4.  **Normal approximation:**
    * Mean (μ) = np = 5.5
    * Standard deviation (σ) = √(npq) = √(220 * 0.025 * 0.975) ≈ 2.316
    * z = (x - μ) / σ
    * z1 = (9.5 - 5.5) / 2.316 ≈ 1.727
    * z2 = (10.5 - 5.5) / 2.316 ≈ 2.159
    * P(9.5 < X < 10.5) = P(1.727 < Z < 2.159)
    * P(Z < 2.159) ≈ 0.9846
    * P(Z < 1.727) ≈ 0.9579
    * P(9.5 < X < 10.5) = 0.9846 - 0.9579 ≈ 0.0267

5.  **Answer:**
    * The probability of making exactly $150 is approximately 0.0267.

**b) Probability of making between $90 and $210 today**

1.  **Calculate conversions for $90 and $210:**
    * Conversions for $90 = $90 / $15 = 6 conversions
    * Conversions for $210 = $210 / $15 = 14 conversions.

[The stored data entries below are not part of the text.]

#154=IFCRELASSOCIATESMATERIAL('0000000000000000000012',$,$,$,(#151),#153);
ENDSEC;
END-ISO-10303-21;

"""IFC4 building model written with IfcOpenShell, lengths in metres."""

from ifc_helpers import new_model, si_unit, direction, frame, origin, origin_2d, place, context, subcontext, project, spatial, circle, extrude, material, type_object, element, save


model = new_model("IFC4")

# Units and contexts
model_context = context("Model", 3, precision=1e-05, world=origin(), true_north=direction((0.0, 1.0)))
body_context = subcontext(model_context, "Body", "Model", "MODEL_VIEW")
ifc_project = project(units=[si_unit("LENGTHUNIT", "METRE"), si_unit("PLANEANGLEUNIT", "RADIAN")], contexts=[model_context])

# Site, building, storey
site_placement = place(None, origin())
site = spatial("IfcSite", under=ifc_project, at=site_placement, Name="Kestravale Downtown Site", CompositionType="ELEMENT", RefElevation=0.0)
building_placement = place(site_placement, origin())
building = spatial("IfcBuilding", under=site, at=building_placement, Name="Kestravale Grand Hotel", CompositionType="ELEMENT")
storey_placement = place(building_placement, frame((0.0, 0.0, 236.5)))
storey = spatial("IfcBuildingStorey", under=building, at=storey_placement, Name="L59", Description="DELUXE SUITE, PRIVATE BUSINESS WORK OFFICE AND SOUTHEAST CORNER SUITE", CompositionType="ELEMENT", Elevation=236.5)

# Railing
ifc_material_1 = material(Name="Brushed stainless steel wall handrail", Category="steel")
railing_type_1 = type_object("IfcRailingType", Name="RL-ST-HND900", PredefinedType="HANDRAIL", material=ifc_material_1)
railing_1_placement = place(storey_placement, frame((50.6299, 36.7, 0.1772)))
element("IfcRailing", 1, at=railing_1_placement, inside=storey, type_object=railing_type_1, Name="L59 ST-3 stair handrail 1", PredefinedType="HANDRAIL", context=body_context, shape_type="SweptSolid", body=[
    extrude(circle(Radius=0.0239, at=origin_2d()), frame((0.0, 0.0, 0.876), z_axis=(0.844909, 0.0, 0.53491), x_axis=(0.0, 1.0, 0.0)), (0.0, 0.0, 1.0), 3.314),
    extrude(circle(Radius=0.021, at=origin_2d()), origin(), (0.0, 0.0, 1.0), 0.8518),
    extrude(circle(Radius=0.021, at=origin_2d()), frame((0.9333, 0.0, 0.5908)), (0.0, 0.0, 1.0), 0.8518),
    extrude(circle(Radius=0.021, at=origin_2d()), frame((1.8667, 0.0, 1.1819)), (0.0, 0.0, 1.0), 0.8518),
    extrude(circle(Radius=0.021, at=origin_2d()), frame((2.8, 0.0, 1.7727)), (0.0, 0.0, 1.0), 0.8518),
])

2.  **Normal approximation:**
    * z1 = (5.5 - 5.5) / 2.316 ≈ 0
    * z2 = (14.5 - 5.5) / 2.316 ≈ 3.886
    * z3 = (6.5 - 5.5) / 2.316 ≈ 0.432
    * P(6.5 < X < 14.5) = P(0.432 < Z < 3.886)
    * P(Z < 3.886) ≈ 1
    * P(Z < 0.432) ≈ 0.667
    * P(0.432 < Z < 3.886) = 1 - 0.667 = 0.333

3.  **Answer:**
    * The probability of making between $90 and $210 is approximately 0.333.

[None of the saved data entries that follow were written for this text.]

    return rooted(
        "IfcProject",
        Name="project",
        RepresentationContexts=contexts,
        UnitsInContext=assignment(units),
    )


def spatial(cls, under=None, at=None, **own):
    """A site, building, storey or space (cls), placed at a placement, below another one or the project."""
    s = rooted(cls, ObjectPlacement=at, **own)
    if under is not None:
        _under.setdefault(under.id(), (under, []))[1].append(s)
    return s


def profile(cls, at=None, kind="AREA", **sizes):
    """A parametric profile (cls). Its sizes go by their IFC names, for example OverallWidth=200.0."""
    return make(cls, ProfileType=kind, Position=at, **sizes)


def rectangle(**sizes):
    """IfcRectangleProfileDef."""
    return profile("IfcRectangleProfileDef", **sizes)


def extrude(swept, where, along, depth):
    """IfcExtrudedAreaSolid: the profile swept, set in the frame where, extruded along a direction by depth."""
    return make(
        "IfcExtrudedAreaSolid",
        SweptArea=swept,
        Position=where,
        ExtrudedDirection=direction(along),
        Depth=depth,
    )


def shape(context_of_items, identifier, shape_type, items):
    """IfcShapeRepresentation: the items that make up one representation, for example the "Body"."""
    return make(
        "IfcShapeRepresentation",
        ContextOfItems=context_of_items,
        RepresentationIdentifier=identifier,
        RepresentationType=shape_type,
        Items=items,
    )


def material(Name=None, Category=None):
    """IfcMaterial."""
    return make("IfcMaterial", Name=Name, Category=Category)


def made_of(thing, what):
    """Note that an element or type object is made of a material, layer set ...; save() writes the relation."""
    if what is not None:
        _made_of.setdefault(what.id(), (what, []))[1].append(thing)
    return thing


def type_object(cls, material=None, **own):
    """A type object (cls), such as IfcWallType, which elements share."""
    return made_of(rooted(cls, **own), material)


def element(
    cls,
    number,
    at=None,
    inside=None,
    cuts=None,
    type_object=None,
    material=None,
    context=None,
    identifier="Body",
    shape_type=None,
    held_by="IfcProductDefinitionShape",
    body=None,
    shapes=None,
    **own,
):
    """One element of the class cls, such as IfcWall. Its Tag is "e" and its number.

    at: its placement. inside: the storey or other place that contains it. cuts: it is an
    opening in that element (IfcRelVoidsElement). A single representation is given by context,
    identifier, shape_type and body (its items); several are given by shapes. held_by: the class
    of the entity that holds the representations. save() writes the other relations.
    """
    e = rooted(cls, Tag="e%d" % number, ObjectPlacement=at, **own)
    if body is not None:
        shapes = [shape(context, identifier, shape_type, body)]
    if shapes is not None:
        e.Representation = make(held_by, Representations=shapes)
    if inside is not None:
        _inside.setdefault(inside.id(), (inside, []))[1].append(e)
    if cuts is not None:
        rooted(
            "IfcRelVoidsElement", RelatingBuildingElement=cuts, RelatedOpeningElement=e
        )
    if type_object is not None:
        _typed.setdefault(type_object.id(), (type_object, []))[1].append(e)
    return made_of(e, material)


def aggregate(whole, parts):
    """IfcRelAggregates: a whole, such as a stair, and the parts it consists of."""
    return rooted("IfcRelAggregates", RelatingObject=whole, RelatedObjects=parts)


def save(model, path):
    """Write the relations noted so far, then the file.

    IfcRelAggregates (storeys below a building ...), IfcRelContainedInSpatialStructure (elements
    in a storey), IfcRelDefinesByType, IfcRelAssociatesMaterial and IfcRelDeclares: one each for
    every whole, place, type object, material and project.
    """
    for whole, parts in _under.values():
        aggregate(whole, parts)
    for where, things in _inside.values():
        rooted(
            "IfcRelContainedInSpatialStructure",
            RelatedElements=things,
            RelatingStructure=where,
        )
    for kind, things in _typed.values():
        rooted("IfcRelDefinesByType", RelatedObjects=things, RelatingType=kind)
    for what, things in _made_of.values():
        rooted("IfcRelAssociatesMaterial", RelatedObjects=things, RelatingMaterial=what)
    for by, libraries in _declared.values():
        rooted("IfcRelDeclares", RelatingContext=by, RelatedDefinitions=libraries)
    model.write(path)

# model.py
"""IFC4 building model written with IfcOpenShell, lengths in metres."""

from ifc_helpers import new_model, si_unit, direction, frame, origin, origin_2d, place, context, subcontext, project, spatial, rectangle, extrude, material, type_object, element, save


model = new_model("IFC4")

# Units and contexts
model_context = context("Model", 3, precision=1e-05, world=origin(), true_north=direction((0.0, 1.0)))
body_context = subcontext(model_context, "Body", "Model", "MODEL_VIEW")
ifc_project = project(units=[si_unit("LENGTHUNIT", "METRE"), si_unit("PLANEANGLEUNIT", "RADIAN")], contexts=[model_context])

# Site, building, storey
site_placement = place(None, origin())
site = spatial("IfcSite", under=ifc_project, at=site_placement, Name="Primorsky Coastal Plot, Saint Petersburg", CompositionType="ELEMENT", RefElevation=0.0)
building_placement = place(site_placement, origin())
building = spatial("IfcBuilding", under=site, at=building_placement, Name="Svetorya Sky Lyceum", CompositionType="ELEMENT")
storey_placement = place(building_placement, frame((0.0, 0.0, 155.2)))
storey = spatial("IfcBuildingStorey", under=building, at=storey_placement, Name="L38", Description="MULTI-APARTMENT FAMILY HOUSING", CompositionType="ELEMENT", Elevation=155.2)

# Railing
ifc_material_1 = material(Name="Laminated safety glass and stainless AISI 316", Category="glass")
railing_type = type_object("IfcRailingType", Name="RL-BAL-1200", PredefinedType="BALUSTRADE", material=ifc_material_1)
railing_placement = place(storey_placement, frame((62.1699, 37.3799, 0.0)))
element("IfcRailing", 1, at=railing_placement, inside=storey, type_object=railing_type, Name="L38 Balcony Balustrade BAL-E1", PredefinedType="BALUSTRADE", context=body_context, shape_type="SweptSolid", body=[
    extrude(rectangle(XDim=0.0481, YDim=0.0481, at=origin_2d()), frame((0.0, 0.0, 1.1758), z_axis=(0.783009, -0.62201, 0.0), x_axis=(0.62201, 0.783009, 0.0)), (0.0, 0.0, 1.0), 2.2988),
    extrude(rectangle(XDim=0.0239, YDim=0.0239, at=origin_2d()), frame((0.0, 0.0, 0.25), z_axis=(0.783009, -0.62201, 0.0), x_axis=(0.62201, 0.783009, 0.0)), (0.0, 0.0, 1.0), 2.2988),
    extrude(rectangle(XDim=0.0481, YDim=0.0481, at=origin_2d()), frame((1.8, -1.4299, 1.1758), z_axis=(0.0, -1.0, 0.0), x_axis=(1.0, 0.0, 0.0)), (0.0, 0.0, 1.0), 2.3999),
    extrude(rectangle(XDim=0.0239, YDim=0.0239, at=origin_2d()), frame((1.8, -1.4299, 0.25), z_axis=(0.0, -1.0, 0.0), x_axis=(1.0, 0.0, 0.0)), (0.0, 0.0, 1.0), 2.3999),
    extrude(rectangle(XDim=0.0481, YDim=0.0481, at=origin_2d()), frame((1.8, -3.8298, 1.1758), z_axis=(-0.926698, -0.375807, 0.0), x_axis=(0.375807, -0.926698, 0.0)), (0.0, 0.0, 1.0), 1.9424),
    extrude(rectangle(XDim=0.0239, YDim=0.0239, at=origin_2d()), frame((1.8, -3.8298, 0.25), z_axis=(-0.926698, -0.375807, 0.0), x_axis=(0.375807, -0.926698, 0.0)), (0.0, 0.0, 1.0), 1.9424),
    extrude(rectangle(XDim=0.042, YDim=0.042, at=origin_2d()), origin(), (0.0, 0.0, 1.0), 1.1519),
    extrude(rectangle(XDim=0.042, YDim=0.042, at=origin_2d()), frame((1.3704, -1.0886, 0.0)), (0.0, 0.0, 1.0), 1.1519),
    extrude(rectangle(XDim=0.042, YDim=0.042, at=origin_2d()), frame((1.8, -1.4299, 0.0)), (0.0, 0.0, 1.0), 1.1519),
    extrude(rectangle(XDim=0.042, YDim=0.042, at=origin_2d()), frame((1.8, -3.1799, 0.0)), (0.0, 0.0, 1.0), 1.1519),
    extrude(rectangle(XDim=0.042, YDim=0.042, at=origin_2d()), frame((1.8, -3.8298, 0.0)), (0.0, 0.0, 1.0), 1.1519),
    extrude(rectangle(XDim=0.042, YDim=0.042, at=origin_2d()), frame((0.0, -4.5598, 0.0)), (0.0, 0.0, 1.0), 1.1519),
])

**c) Claiming B has a higher conversion rate with 95% confidence**

1.  **Calculate conversion rates:**
    * ConvA = 17 / 678 ≈ 0.0251 = 2.51%
    * ConvB = 28 / 678 ≈ 0.0413 = 4.13%

2.  **Calculate standard errors:**
    * SE_A = √[ConvA * (1 - ConvA) / 678] ≈ 0.00607
    * SE_B = √[ConvB * (1 - ConvB) / 678] ≈ 0.00778

3.  **Calculate the standard error of the difference:**
    * SE_diff = √(SE_A² + SE_B²) ≈ √(0.00607² + 0.00778²) ≈ 0.00987

4.  **Calculate the z-score:**
    * z = (ConvB - ConvA) / SE_diff = (0.0413 - 0.0251) / 0.00987 ≈ 1.641

5.  **Compare to critical z-value:**
    * For 95% confidence (one-tailed), z_critical = 1.645

6.  **Conclusion:**
    * Since 1.641 < 1.645, you cannot claim with 95% confidence that B has a higher conversion rate.

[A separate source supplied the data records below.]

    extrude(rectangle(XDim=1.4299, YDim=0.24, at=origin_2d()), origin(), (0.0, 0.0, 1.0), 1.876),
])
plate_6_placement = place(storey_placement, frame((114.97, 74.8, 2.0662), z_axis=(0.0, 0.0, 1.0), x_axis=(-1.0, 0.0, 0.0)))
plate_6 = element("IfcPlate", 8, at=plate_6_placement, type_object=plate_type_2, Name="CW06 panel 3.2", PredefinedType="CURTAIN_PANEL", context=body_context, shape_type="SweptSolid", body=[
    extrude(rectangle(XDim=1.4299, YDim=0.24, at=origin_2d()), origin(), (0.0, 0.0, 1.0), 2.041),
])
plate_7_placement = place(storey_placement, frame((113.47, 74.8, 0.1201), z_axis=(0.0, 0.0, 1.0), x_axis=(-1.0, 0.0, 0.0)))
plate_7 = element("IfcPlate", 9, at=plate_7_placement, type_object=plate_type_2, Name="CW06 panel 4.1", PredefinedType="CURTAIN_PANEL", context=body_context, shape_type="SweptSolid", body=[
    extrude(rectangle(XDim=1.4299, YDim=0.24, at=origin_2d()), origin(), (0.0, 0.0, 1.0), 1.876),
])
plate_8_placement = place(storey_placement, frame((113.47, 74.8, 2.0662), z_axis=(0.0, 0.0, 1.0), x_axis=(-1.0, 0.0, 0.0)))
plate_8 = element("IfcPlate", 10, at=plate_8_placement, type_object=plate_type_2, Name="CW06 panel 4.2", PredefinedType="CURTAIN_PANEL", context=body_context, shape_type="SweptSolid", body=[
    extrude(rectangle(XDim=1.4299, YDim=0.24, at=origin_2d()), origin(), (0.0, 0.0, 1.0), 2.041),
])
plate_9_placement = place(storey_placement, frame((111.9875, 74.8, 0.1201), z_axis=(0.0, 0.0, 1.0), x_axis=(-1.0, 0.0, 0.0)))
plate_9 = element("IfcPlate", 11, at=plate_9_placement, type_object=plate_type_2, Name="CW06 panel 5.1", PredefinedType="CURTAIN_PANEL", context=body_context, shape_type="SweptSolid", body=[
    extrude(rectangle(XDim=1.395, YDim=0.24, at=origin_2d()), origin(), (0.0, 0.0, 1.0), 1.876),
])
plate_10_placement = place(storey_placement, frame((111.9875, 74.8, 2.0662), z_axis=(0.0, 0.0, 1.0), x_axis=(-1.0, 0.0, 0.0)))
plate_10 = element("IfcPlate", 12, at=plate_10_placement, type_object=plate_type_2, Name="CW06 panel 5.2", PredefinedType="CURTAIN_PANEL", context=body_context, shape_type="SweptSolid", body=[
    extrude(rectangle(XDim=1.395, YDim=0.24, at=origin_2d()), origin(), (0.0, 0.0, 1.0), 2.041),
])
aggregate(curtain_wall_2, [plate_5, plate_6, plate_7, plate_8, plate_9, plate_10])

**d) Minimum sample size for 0.1% difference with 95% confidence**

1.  **Given:**
    * ConvA = 0.025
    * ConvB = 0.026
    * Difference = 0.001
    * z_critical = 1.96 (two-tailed)

2.  **Formula:**
    * n = [z² * (p1 * (1-p1) + p2 * (1-p2))] / (p1 - p2)²

3.  **Calculate:**
    * n = [1.96² * (0.025 * 0.975 + 0.026 * 0.974)] / 0.001²
    * n ≈ [3.8416 * (0.024375 + 0.025324)] / 0.000001
    * n ≈ [3.8416 * 0.049699] / 0.000001
    * n ≈ 190828

4.  **Answer:**
    * The minimum sample size needed is approximately 190,828 per group.

**e) 99% confidence about time spent on page**

1.  **Given:**
    * μ0 = 200 seconds (3 min 20 sec)
    * μ = 210 seconds (3 min 30 sec)
    * s = 50 seconds
    * n = 100
    * α = 0.01 (one-tailed)

2.  **Calculate the t-statistic:**
    * t = (μ - μ0) / (s / √n) = (210 - 200) / (50 / √100) = 10 / 5 = 2

3.  **Find critical t-value:**
    * df = 99
    * t_critical ≈ 2.365

4.  **Conclusion:**
    * Since 2 < 2.365, she cannot be 99% confident.

**f) 95% confidence about time spent on page**

1.  **Critical t-value:**
    * df = 99
    * t_critical ≈ 1.66

2.  **Conclusion:**
    * Since 2 > 1.66, she can be 95% confident.